I stand corrected on this.

https://aws.amazon.com/blogs/aws/inspect-subnet-to-subnet-traffic-with-amazon-vpc-more-specific-routing/

https://aws.amazon.com/blogs/aws/new-vpc-ingress-routing-simplifying-integration-of-third-party-appliances/

This technique does in fact work for IPv6, allowing you to insert a
firewall at the edge. Interestingly though, it won't receive IPv6
packets for an address that isn't attached to a running instance in
the interior subnet.

Regards,
Bill Herrin

-- 
William Herrin
b...@herrin.us
https://bill.herrin.us/

Re: AWS and IPv6

[William Herrin]

On Sun, Nov 28, 2021 at 3:52 PM Matt Palmer  wrote:
> Which is, fundamentally, half the problem with IPv6 in AWS.  I'd have much
> preferred that they'd added the ability to do actually-useful IPv6 routing
> rather than IPv6-only subnets, which strikes me as more of a toy than
> something *actually* useful.

Yeah, they don't even have a practical way to implement a firewall
instance for IPv6. Unless you want to mirror 1:many NAT for IPv6 like
you do IPv4. You just can't route an IPv6 block to an instance.
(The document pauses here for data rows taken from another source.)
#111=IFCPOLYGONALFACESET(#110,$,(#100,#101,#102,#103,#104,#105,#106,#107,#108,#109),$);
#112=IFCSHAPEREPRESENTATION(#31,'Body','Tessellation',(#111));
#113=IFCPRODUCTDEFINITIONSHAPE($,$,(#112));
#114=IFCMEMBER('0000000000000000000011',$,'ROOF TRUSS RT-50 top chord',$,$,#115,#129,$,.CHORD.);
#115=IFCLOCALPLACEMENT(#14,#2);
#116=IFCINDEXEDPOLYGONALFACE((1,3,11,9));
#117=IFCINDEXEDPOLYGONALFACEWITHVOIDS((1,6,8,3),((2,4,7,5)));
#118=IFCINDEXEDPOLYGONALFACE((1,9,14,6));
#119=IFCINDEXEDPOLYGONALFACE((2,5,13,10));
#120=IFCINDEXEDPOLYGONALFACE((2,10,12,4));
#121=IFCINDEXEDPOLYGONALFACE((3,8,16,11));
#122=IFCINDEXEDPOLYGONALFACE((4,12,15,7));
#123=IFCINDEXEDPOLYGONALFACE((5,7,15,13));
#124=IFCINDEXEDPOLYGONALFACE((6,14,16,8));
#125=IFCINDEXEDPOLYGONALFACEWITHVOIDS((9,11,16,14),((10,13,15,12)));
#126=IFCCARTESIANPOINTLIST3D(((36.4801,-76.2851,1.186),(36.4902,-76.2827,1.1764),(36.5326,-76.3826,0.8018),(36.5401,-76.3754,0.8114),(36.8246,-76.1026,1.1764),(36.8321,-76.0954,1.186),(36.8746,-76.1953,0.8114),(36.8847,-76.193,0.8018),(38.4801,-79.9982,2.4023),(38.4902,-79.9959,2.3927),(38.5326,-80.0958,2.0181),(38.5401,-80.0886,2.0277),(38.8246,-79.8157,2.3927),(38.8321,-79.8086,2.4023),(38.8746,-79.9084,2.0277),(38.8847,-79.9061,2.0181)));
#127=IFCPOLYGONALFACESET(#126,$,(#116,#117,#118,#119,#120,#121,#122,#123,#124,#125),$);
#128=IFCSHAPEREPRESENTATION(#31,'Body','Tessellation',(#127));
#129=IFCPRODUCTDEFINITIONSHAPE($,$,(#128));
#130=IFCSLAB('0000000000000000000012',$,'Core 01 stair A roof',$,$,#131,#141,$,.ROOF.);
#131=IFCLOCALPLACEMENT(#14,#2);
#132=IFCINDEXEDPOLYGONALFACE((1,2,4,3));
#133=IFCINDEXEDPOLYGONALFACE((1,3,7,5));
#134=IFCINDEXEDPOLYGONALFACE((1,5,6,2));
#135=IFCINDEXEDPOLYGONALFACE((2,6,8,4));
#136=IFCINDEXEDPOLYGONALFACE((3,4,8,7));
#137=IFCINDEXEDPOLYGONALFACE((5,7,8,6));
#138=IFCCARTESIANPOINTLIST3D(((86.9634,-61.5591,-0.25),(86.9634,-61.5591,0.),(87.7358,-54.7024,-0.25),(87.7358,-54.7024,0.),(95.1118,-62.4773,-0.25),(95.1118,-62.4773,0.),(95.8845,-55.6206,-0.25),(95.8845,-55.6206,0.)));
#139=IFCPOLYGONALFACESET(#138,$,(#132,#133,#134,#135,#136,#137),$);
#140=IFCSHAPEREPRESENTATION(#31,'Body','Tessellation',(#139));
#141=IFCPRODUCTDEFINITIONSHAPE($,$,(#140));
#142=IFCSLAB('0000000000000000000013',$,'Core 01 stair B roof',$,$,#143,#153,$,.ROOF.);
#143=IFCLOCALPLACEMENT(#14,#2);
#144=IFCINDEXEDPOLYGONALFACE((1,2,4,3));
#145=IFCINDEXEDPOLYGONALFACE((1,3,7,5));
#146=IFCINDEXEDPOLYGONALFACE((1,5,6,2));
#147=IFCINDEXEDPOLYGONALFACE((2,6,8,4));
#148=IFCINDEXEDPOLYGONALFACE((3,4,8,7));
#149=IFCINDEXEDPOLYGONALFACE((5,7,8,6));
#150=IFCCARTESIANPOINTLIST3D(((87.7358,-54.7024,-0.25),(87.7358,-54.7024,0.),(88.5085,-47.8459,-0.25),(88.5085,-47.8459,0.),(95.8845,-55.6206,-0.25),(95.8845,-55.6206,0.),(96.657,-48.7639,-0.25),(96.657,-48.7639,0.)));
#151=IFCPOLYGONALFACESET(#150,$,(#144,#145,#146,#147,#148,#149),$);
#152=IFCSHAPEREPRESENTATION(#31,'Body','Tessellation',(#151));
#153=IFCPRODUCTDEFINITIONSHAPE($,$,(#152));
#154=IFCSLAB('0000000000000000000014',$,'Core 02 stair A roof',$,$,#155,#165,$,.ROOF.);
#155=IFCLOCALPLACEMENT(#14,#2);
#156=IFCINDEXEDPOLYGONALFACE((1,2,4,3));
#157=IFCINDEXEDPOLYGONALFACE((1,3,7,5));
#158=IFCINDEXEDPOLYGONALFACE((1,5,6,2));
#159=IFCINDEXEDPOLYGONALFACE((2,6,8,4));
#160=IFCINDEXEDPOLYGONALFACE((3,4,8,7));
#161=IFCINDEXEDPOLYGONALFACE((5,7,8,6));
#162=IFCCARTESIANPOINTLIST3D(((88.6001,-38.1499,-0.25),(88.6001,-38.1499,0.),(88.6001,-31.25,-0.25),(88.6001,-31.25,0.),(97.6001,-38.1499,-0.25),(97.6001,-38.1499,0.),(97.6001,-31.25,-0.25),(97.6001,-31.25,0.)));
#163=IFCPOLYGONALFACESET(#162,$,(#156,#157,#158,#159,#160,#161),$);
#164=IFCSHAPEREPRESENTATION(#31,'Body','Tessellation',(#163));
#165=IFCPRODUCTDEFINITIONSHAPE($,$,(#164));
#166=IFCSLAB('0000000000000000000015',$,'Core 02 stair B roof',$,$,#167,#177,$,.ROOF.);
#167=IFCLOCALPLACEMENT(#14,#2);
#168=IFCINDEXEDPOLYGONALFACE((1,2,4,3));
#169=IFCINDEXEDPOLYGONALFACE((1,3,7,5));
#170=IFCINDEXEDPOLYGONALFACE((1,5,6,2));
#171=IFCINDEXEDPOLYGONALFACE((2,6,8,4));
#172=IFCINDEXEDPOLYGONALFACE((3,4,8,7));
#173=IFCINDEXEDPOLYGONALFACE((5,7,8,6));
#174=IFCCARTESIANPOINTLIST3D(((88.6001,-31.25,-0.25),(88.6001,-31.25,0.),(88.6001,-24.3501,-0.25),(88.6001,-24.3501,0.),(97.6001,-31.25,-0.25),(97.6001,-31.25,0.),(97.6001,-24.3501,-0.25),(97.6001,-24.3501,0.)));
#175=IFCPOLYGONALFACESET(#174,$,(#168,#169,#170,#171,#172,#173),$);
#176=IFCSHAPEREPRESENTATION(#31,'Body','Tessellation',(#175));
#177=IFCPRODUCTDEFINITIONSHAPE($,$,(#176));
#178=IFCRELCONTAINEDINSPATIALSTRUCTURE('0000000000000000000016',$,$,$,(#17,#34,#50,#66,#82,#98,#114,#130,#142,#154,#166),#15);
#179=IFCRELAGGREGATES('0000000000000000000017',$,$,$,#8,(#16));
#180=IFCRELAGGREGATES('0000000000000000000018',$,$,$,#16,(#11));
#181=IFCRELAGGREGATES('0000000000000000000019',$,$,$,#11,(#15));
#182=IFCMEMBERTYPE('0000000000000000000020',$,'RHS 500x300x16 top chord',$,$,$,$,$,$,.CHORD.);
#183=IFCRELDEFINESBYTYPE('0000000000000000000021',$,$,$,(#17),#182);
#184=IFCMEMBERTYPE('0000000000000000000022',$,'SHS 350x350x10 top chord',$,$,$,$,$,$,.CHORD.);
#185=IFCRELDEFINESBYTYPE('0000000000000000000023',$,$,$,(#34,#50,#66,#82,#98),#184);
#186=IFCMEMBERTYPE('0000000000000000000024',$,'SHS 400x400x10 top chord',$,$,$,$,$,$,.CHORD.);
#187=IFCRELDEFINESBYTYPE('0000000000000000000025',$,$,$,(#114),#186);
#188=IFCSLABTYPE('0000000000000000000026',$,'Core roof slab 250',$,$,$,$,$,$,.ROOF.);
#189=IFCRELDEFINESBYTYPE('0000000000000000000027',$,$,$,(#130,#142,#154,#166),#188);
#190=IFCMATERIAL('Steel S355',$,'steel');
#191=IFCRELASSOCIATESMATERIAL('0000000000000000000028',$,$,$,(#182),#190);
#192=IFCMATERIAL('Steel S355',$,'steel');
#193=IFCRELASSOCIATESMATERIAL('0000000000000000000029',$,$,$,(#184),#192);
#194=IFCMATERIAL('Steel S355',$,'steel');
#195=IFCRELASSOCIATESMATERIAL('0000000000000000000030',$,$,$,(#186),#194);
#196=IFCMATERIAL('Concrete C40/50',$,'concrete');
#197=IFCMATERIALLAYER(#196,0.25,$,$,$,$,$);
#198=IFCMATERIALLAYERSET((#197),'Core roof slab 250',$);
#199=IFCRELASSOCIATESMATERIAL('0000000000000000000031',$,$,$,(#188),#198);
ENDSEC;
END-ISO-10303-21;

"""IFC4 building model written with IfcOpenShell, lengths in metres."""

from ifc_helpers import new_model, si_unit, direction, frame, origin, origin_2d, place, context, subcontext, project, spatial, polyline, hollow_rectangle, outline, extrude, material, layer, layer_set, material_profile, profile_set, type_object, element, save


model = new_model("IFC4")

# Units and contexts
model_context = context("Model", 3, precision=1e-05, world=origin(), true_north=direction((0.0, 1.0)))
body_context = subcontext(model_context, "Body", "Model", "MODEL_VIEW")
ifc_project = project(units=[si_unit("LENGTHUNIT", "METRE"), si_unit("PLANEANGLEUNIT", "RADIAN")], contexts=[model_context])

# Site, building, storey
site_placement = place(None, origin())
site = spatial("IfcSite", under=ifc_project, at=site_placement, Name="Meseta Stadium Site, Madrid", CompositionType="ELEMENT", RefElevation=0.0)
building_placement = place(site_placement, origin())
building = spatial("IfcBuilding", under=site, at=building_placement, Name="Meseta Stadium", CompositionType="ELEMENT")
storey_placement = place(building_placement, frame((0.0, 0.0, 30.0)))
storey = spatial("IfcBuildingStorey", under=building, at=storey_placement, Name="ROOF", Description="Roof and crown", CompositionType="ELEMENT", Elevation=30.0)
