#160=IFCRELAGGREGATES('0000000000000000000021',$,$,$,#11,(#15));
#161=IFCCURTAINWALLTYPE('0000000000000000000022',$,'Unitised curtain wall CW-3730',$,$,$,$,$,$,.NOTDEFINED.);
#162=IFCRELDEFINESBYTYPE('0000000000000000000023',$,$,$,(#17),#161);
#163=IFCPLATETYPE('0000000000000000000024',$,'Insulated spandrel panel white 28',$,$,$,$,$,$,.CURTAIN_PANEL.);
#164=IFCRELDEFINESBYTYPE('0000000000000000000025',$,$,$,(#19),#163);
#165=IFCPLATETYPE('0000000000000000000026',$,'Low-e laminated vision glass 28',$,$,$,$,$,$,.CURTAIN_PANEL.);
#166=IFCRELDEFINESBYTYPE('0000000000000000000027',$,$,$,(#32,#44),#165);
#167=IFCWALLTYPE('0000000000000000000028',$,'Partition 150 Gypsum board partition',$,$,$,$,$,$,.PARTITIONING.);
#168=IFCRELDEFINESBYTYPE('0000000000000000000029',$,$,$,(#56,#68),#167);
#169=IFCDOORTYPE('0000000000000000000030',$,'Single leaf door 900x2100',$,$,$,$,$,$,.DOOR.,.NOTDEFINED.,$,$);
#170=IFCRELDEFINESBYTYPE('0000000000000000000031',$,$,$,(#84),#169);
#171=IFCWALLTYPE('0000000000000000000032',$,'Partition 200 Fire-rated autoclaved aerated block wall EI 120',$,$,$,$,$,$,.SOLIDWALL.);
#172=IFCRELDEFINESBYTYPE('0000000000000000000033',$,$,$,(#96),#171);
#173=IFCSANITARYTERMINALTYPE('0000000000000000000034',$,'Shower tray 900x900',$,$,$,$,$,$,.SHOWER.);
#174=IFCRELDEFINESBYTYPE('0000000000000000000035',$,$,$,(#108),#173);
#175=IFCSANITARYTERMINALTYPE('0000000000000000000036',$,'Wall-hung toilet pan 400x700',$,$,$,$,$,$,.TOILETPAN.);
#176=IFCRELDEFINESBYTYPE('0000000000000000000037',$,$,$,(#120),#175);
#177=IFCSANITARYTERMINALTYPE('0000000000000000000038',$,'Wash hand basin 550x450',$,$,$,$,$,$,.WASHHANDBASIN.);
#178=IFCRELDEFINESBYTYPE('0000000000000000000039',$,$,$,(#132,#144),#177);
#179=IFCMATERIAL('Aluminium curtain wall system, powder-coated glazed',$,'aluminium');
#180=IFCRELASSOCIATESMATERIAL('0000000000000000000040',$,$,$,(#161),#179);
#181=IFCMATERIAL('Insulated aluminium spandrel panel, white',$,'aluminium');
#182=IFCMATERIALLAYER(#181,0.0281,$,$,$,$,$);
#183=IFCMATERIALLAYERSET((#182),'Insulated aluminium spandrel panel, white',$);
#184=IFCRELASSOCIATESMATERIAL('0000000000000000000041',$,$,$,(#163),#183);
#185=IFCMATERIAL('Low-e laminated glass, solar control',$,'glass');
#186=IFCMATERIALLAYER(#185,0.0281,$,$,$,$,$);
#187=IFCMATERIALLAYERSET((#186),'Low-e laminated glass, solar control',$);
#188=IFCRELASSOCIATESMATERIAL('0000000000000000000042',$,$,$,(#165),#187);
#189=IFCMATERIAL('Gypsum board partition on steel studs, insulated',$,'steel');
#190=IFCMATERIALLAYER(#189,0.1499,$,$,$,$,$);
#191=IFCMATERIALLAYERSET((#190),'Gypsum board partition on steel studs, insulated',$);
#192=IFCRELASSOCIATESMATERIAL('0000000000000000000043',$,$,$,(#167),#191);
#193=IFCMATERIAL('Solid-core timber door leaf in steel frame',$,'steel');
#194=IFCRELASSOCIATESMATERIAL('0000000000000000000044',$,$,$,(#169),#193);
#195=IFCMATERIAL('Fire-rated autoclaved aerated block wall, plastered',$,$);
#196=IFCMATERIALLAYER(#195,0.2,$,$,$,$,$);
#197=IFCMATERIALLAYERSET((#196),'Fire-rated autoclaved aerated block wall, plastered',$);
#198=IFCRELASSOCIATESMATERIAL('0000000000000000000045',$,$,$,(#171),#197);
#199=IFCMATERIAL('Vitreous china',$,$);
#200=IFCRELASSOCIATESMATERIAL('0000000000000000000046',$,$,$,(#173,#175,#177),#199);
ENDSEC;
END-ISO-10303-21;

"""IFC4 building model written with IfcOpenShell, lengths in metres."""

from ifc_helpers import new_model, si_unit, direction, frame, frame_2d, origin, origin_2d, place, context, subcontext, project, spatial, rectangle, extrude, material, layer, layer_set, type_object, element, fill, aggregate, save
And
with 1:many NAT you wouldn't want public IP addresses inside but AWS
doesn't let you assign ULA addresses inside the subnet, only global
addresses.

Regards,
Bill Herrin


-- 
William Herrin
b...@herrin.us
https://bill.herrin.us/

Re: AWS and IPv6

[Michael Thomas]

On 11/28/21 3:50 PM, Matt Palmer wrote:

On Sun, Nov 28, 2021 at 02:10:40PM -0800, William Herrin wrote:

On Sun, Nov 28, 2021 at 1:18 PM Karl Auer  wrote:

On Sun, 2021-11-28 at 12:53 -0800, Michael Thomas wrote:

I was reading their howto yesterday and it seems they are only
allocating a /64? Why?

That's a /64 *per subnet*...

But the size of a VPC's IPv6 CIDR block does seem to be fixed at /56.
Would have been nice to see /48 instead.

To what purpose? You can't alter the VPC routing of any of the IP
addresses (v4 or v6) assigned to an AWS VPC.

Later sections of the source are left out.